School is boring and there's only about six kids close to my age. I can't wait until I'm 18 and I'll get to work full-time instead and get my own living quarters. There's a lot of unused space because not everybody on the list showed up to take their place in the vault and I might get a whole family unit to myself. Why the hell couldn't the people waiting outside have come in then, huh?

Current mood: mad.

~Alia


05/16/2078, Cafeteria

Overseer Childers just walked up and asked why I was wasting paper and I told him to fuck off, that this was my journal. I'm afraid he'll have someone take it away from me. I'm going to hide it under my mattress when I get home today.

The food sucks here.

Aunt Helen's going to have a baby. She told me this morning. I blurted out that I thought she was too old, and she looked like she was going to cry. I feel bad and I know I need to apologize but, really, isn't 36 too old?

Current mood: guilty.

~Alia


10/23/2078, Vault 13

We had a sort of assembly today with everybody out in the main concourse. It was supposed to be a memorial and a re-dedication to the "principles of the vault," whatever that means. I didn't mean to, but I couldn't help crying my eyes out when I heard other people talking. It made everything feel fresh and horrible all over again. I've started to realize that we might never leave the vault, and I think my GOAT test next month might just assign me the job of "local crazy person," because that's how I feel right now about spending my whole life here.

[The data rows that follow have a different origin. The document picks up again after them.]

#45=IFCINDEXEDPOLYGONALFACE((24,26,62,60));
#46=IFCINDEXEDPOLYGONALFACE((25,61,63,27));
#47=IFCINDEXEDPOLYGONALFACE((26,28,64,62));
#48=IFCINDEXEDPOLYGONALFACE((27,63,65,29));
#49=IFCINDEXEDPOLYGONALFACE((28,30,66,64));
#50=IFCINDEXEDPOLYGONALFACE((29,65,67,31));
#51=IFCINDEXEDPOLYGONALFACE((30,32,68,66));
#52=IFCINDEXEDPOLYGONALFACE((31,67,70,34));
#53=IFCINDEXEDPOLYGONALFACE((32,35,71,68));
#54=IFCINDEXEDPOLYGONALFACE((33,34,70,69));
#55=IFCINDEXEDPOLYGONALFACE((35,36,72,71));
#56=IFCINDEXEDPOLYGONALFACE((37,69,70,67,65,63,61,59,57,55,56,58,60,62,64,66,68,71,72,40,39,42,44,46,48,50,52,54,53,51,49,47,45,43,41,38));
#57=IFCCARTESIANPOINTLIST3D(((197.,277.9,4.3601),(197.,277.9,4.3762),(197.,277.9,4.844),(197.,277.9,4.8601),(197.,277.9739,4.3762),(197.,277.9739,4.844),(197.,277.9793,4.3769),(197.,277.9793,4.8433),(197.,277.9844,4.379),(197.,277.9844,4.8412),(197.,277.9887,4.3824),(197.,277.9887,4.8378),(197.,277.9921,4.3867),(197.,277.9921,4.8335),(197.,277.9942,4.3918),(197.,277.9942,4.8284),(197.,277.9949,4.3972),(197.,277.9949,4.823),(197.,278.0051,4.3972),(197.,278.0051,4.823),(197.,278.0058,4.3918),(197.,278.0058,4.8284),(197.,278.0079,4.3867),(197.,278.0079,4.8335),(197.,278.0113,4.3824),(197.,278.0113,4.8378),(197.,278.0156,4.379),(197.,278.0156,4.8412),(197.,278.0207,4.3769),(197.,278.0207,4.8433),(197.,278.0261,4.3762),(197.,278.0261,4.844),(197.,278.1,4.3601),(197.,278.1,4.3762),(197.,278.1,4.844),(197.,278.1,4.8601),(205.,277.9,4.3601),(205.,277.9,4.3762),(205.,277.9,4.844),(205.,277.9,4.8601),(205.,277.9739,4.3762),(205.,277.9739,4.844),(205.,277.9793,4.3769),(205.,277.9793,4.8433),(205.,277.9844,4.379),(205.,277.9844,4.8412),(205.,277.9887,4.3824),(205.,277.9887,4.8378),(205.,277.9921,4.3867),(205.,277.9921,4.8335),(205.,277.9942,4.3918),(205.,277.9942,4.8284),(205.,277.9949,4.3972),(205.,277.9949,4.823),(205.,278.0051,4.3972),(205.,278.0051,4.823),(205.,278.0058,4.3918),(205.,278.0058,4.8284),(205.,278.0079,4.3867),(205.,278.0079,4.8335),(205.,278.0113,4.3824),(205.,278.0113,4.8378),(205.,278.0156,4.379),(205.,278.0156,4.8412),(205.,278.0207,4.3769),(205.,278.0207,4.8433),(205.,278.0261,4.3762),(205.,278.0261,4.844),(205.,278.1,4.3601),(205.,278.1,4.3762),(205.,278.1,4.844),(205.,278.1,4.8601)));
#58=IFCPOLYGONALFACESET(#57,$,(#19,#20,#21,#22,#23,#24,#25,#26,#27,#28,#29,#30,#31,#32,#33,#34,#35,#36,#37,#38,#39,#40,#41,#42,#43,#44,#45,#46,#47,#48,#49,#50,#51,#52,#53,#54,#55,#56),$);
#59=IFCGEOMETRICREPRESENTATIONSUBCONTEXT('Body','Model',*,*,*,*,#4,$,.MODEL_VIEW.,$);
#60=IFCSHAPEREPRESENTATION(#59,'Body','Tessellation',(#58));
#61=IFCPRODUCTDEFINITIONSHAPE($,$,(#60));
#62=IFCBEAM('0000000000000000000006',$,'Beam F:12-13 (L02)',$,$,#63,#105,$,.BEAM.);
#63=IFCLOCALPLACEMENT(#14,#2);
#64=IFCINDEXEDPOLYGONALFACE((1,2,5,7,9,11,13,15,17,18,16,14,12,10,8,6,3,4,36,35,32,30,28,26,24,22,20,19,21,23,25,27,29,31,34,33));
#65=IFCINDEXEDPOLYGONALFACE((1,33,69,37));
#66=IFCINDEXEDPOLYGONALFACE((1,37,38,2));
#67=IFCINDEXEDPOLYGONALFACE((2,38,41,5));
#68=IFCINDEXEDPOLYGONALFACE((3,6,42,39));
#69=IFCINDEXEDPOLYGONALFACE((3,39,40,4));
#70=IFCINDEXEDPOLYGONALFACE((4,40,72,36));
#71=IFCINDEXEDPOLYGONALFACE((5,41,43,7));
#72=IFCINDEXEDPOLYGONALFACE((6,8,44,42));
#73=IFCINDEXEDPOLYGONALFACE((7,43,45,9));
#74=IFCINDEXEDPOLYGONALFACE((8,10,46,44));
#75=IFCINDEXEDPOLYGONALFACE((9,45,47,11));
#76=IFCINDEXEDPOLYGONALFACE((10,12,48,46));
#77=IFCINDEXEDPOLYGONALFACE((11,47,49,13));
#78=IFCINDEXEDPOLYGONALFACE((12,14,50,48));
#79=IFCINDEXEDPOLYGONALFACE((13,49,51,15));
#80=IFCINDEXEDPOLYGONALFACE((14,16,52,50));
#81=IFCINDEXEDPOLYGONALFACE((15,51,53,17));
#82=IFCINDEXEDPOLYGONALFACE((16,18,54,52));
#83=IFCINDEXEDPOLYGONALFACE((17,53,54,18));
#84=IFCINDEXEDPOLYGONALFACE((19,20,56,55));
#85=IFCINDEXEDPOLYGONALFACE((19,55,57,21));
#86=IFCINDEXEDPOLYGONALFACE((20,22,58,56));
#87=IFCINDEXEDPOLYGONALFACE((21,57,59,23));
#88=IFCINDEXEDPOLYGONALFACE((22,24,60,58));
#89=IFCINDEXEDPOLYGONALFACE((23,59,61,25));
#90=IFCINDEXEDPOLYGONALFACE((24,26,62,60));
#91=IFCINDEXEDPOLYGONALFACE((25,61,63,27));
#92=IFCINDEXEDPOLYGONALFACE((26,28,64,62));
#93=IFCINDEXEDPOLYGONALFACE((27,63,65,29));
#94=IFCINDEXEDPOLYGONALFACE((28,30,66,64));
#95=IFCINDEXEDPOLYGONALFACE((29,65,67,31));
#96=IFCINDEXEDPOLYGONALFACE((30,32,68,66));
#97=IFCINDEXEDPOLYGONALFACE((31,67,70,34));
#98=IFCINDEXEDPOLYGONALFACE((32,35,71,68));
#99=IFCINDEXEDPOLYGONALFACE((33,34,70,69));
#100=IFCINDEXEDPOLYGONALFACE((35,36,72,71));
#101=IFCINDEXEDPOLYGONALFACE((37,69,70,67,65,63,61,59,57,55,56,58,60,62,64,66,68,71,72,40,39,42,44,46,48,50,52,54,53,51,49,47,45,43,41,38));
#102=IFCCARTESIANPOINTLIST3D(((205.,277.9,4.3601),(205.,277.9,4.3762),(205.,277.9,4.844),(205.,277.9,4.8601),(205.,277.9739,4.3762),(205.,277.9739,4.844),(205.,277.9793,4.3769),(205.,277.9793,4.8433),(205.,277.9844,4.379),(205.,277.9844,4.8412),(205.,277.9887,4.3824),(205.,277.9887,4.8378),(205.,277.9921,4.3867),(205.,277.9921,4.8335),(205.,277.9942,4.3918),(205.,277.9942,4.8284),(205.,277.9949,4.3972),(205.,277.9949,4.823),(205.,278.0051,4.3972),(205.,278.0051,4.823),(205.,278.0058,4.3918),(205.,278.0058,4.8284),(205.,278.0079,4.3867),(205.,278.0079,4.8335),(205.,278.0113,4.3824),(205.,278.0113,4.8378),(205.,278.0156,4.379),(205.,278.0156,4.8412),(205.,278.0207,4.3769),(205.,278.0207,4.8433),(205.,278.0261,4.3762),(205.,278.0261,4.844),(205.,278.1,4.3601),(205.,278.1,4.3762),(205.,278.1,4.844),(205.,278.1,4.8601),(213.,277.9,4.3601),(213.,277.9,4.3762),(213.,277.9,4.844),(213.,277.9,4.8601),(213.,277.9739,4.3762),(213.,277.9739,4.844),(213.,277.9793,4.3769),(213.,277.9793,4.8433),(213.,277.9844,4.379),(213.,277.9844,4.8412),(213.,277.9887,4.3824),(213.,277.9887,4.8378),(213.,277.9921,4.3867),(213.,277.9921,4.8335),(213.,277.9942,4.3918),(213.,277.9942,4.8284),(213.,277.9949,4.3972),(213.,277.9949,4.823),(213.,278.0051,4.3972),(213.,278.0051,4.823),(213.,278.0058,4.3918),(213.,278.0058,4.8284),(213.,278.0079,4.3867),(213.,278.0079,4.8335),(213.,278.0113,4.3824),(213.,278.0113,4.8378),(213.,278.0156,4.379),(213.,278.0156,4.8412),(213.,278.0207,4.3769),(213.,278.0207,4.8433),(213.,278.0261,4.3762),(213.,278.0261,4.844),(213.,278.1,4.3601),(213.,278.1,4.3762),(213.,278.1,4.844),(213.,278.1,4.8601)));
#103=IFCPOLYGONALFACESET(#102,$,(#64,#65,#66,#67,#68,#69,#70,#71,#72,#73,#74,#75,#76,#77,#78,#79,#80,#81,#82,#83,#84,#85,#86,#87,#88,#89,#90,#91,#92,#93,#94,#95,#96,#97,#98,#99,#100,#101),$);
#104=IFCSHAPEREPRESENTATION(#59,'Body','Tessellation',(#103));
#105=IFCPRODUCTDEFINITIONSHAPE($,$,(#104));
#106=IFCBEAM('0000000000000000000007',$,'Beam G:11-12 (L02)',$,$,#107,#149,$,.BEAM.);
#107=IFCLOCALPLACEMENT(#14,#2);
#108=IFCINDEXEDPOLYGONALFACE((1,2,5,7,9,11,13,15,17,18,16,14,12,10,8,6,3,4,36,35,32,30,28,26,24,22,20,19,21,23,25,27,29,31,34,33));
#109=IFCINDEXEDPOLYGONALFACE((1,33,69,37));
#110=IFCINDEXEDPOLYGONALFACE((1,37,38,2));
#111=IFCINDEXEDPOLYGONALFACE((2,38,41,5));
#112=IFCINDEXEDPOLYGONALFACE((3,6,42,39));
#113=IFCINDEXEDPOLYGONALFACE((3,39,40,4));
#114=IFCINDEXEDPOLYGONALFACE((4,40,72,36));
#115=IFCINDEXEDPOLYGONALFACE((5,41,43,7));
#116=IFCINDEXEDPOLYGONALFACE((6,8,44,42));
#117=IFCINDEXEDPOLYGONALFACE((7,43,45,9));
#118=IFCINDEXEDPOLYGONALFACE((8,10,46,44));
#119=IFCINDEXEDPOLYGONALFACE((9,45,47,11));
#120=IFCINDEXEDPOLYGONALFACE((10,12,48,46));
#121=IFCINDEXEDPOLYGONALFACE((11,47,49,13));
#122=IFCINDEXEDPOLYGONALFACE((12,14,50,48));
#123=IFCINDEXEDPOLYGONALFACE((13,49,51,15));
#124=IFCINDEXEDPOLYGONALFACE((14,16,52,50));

Aunt Helen's getting really big. She says that if it's a girl they'll name it after my mother and me: Amy Alia Jameson. If it's a boy, they'll name it after my dad, Thomas. Thomas Henry. Uncle Hank and I have been talking about him a lot lately. We both really miss him, and I've enjoyed the stories he's been telling me about their life on base when they were stationed together.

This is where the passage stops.